# Cool car dios



## slingshot392 (Nov 27, 2008)

http://www.flickr.com/photos/[email protected]/sets/72157604247242338/show/with/2346008881/


----------



## bob8748 (May 1, 2004)

Awesome!!! I went through most but have it in my favorites for more viewing pleasure. I told my kid if you didnt know these were toys what would you think. Reminds me of a small town where my family lives in southern Ohio. I'd like to learn how he does the snow. And the lighting is great!


----------



## SJF (Dec 3, 1999)

Incredible work. Looks so realistic. 

Sean


----------



## roadrner (Jul 21, 1999)

Awesome!

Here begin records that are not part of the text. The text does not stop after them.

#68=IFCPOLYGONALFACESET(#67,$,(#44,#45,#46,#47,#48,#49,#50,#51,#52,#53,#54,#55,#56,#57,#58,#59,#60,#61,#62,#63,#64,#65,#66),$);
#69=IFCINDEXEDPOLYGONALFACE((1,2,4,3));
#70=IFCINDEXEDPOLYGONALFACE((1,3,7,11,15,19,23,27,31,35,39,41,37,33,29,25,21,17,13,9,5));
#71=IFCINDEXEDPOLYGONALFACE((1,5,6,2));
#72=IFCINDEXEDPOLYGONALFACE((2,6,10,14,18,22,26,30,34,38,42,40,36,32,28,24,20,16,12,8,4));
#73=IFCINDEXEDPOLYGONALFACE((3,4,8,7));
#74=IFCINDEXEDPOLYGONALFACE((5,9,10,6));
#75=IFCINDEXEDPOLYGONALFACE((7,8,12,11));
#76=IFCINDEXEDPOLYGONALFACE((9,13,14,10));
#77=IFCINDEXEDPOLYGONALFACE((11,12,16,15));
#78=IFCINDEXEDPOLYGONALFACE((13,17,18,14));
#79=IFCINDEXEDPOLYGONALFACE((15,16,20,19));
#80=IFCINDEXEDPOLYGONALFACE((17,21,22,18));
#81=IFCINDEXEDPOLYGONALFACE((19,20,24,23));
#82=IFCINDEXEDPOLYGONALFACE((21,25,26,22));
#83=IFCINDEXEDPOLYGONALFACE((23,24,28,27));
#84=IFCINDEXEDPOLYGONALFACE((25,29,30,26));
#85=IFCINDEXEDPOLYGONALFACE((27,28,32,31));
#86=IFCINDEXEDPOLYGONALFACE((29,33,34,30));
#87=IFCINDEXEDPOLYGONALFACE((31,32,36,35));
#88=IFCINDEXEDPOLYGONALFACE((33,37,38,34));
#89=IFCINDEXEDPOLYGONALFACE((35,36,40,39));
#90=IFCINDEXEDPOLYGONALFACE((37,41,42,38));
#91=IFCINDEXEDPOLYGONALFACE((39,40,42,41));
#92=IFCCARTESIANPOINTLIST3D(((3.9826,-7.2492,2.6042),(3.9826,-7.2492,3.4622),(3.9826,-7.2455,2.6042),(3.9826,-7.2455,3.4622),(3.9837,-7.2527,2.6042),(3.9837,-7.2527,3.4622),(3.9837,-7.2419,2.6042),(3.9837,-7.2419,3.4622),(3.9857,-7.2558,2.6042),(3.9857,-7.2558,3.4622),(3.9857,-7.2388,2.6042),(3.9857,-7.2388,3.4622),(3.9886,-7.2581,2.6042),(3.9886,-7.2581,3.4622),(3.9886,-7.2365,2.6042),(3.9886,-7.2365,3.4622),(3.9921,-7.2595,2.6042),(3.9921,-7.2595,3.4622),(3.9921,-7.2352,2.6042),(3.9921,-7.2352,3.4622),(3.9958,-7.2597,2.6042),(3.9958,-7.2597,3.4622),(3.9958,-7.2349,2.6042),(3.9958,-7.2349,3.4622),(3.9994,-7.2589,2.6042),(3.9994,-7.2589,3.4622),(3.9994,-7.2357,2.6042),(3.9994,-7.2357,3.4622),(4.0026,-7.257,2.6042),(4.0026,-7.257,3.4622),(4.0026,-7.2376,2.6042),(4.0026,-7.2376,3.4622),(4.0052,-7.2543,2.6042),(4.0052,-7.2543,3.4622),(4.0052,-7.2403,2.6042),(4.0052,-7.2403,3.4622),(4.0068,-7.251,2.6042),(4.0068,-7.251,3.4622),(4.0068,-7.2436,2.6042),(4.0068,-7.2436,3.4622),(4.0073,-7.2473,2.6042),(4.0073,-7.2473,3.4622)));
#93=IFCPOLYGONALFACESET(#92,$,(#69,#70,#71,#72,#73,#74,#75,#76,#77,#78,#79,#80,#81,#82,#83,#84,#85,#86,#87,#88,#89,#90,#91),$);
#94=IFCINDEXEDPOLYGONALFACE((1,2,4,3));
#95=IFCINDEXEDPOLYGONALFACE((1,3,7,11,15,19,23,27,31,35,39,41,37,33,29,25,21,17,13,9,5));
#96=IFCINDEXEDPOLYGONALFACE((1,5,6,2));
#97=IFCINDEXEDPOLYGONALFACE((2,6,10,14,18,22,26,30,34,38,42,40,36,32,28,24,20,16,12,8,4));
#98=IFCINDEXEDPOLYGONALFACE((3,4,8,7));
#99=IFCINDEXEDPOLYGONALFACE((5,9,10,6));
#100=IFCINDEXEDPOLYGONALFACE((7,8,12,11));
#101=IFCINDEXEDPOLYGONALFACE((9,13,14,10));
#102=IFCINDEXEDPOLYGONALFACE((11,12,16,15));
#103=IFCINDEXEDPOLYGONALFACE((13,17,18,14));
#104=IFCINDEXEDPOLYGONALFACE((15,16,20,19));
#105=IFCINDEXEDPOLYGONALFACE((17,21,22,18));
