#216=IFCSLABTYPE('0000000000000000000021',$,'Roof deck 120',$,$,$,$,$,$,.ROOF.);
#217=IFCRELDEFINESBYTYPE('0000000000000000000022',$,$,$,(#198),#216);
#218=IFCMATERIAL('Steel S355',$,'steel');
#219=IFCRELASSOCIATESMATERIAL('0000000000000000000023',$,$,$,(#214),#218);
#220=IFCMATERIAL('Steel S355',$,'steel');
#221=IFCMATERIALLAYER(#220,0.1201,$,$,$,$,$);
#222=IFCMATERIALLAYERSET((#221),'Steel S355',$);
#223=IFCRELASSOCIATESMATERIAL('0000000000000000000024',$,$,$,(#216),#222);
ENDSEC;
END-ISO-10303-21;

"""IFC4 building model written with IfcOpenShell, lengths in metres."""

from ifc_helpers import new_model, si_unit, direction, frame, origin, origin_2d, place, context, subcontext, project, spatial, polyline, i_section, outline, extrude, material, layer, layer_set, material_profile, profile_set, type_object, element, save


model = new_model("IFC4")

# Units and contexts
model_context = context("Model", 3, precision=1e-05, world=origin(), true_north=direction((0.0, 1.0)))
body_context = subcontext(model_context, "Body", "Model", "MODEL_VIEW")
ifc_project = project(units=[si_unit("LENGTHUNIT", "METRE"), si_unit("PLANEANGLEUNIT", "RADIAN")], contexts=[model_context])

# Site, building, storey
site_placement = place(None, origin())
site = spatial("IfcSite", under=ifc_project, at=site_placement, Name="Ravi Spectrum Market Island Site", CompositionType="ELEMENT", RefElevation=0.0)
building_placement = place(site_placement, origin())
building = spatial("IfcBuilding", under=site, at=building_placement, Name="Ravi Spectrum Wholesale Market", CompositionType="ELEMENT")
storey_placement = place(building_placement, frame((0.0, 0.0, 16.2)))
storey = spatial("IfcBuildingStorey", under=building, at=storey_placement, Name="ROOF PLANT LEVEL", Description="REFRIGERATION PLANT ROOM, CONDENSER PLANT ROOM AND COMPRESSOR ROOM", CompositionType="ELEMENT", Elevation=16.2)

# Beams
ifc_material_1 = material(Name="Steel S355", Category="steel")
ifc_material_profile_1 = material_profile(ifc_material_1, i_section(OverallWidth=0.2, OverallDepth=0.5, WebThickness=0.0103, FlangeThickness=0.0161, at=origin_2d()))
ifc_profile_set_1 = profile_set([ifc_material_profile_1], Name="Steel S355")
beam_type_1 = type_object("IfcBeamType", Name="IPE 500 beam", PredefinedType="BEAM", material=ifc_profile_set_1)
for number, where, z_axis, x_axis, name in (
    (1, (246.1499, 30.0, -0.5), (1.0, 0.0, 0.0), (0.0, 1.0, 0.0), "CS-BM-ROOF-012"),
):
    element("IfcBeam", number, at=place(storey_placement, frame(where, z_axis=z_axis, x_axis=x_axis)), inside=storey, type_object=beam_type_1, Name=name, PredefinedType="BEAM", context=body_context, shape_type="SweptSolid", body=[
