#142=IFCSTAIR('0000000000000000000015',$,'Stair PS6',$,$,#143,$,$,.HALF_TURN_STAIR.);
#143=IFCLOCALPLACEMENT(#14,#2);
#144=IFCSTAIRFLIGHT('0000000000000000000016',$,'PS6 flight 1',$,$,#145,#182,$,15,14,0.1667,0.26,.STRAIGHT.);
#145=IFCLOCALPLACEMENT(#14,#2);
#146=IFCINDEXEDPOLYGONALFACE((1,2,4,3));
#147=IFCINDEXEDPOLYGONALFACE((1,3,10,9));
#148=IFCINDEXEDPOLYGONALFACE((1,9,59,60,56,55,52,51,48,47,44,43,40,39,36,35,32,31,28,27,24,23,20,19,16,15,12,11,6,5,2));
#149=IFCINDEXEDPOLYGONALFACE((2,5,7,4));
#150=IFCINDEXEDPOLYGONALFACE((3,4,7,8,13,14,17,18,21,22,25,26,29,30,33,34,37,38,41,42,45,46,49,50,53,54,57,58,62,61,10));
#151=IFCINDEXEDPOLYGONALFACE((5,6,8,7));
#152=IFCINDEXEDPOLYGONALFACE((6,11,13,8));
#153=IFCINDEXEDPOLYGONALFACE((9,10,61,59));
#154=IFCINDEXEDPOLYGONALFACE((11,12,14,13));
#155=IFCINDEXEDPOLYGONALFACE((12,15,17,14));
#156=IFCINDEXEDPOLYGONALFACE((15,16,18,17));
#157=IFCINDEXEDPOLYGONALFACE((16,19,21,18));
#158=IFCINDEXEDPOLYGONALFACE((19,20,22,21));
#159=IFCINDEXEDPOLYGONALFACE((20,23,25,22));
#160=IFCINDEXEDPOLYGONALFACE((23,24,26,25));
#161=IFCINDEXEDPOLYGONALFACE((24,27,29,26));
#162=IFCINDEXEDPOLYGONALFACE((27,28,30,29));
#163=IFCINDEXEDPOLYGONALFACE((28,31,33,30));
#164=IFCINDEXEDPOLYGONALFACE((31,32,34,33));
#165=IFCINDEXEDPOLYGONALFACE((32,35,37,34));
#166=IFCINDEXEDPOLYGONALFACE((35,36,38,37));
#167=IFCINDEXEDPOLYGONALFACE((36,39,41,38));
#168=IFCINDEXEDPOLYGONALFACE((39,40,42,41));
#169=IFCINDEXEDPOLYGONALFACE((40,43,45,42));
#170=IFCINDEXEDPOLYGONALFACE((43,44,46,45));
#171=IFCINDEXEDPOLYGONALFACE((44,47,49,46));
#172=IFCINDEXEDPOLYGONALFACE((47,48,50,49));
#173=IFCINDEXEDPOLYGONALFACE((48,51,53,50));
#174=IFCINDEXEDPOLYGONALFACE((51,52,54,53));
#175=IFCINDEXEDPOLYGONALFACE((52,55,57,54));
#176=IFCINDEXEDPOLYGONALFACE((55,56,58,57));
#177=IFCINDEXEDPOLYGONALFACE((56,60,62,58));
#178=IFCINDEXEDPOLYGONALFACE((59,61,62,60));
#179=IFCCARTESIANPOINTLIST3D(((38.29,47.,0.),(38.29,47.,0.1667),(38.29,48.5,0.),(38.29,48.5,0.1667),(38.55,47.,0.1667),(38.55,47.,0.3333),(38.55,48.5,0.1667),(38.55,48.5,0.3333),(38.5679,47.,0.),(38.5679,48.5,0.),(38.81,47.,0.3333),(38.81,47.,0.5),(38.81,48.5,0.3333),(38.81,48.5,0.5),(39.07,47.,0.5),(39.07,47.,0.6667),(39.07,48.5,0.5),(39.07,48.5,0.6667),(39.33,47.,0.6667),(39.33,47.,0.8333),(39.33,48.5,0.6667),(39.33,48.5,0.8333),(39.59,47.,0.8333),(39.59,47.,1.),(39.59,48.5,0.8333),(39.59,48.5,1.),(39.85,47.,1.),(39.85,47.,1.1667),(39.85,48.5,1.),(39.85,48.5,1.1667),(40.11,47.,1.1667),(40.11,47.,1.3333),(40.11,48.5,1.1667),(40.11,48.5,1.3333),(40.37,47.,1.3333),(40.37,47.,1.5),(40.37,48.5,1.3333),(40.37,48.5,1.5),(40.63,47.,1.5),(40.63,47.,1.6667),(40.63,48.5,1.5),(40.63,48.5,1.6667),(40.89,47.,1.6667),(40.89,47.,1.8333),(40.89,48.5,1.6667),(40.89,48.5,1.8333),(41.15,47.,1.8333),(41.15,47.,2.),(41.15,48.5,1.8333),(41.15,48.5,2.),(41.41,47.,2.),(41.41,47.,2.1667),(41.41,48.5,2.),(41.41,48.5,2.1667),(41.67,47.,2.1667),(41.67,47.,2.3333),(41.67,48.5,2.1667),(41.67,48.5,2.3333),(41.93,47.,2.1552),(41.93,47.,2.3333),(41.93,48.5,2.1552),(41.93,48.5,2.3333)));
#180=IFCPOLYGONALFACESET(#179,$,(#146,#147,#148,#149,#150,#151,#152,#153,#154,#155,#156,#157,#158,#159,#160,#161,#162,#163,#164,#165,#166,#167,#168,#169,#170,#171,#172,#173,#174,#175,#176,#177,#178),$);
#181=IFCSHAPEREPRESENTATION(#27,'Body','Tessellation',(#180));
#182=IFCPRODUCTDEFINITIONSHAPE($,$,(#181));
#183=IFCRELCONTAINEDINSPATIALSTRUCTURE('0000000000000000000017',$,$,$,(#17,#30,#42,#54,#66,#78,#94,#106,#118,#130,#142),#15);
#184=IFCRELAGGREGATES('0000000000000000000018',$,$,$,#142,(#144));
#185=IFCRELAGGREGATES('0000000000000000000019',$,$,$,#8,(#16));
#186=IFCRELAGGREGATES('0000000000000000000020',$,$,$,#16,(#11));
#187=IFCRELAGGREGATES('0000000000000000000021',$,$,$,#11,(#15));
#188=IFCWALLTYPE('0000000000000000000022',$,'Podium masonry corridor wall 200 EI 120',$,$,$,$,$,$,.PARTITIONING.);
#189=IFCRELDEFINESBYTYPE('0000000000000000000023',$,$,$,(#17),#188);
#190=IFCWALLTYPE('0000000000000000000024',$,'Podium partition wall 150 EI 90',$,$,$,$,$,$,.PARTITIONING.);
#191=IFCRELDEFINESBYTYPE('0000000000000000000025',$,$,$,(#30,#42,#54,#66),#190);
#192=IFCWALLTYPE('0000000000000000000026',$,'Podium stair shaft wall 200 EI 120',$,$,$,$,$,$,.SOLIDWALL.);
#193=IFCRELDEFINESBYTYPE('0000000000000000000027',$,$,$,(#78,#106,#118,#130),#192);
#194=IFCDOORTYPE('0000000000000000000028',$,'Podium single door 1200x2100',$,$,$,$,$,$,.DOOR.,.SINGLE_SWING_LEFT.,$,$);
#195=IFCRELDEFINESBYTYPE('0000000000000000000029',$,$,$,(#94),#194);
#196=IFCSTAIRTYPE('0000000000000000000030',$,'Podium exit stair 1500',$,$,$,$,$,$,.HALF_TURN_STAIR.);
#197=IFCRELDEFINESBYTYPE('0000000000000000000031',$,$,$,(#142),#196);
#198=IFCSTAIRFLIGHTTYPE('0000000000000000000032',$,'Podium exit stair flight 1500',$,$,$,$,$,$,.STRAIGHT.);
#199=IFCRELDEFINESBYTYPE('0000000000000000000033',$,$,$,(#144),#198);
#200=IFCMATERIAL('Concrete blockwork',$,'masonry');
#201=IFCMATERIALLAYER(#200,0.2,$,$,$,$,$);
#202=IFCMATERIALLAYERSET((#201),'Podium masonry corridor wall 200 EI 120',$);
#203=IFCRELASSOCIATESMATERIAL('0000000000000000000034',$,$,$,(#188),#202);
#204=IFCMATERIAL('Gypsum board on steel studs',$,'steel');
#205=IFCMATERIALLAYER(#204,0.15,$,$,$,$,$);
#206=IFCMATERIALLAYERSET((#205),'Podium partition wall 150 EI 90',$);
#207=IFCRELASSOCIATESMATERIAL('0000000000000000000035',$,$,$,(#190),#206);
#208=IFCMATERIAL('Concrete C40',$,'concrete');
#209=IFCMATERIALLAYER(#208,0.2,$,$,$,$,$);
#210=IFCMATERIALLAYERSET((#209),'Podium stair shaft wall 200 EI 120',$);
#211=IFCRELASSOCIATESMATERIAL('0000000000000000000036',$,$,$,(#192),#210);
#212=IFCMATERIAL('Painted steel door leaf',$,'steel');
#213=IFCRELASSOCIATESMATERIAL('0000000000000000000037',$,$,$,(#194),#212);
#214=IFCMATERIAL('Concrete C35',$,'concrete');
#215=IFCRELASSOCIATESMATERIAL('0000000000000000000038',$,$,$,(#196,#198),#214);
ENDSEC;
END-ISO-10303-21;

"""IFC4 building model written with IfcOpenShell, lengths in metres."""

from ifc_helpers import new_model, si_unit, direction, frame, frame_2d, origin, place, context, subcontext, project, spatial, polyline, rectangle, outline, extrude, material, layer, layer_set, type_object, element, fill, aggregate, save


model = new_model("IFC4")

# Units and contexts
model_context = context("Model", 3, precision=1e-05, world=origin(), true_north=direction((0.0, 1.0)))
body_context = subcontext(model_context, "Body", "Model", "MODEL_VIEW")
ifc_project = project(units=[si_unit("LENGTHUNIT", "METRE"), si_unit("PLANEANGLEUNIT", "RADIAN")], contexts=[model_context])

Looks like the real thing. Great pix. :thumbsup::thumbsup: rr


----------



## pup1970 (Apr 2, 2008)

I really like how you included real backgrounds to aid in the realism.


----------



## 98whitelightnin (Aug 15, 2009)

Those are amazing pics!


----------



## mnimud28 (Feb 13, 2010)

That is amazing, I love it. Thanks for sharing a great find.


----------



## hwsascha (May 27, 2008)

superb and awesome work with the real backgrounds. It shows how much a good picture lives from how it is taken. Also the wet roads look so realistic.


----------



## Stangfreak (Jun 7, 2007)

*dyn~o~mite !!!*


----------



## bucwheat (Mar 9, 2010)

Those are all over other forums,still amazing.


----------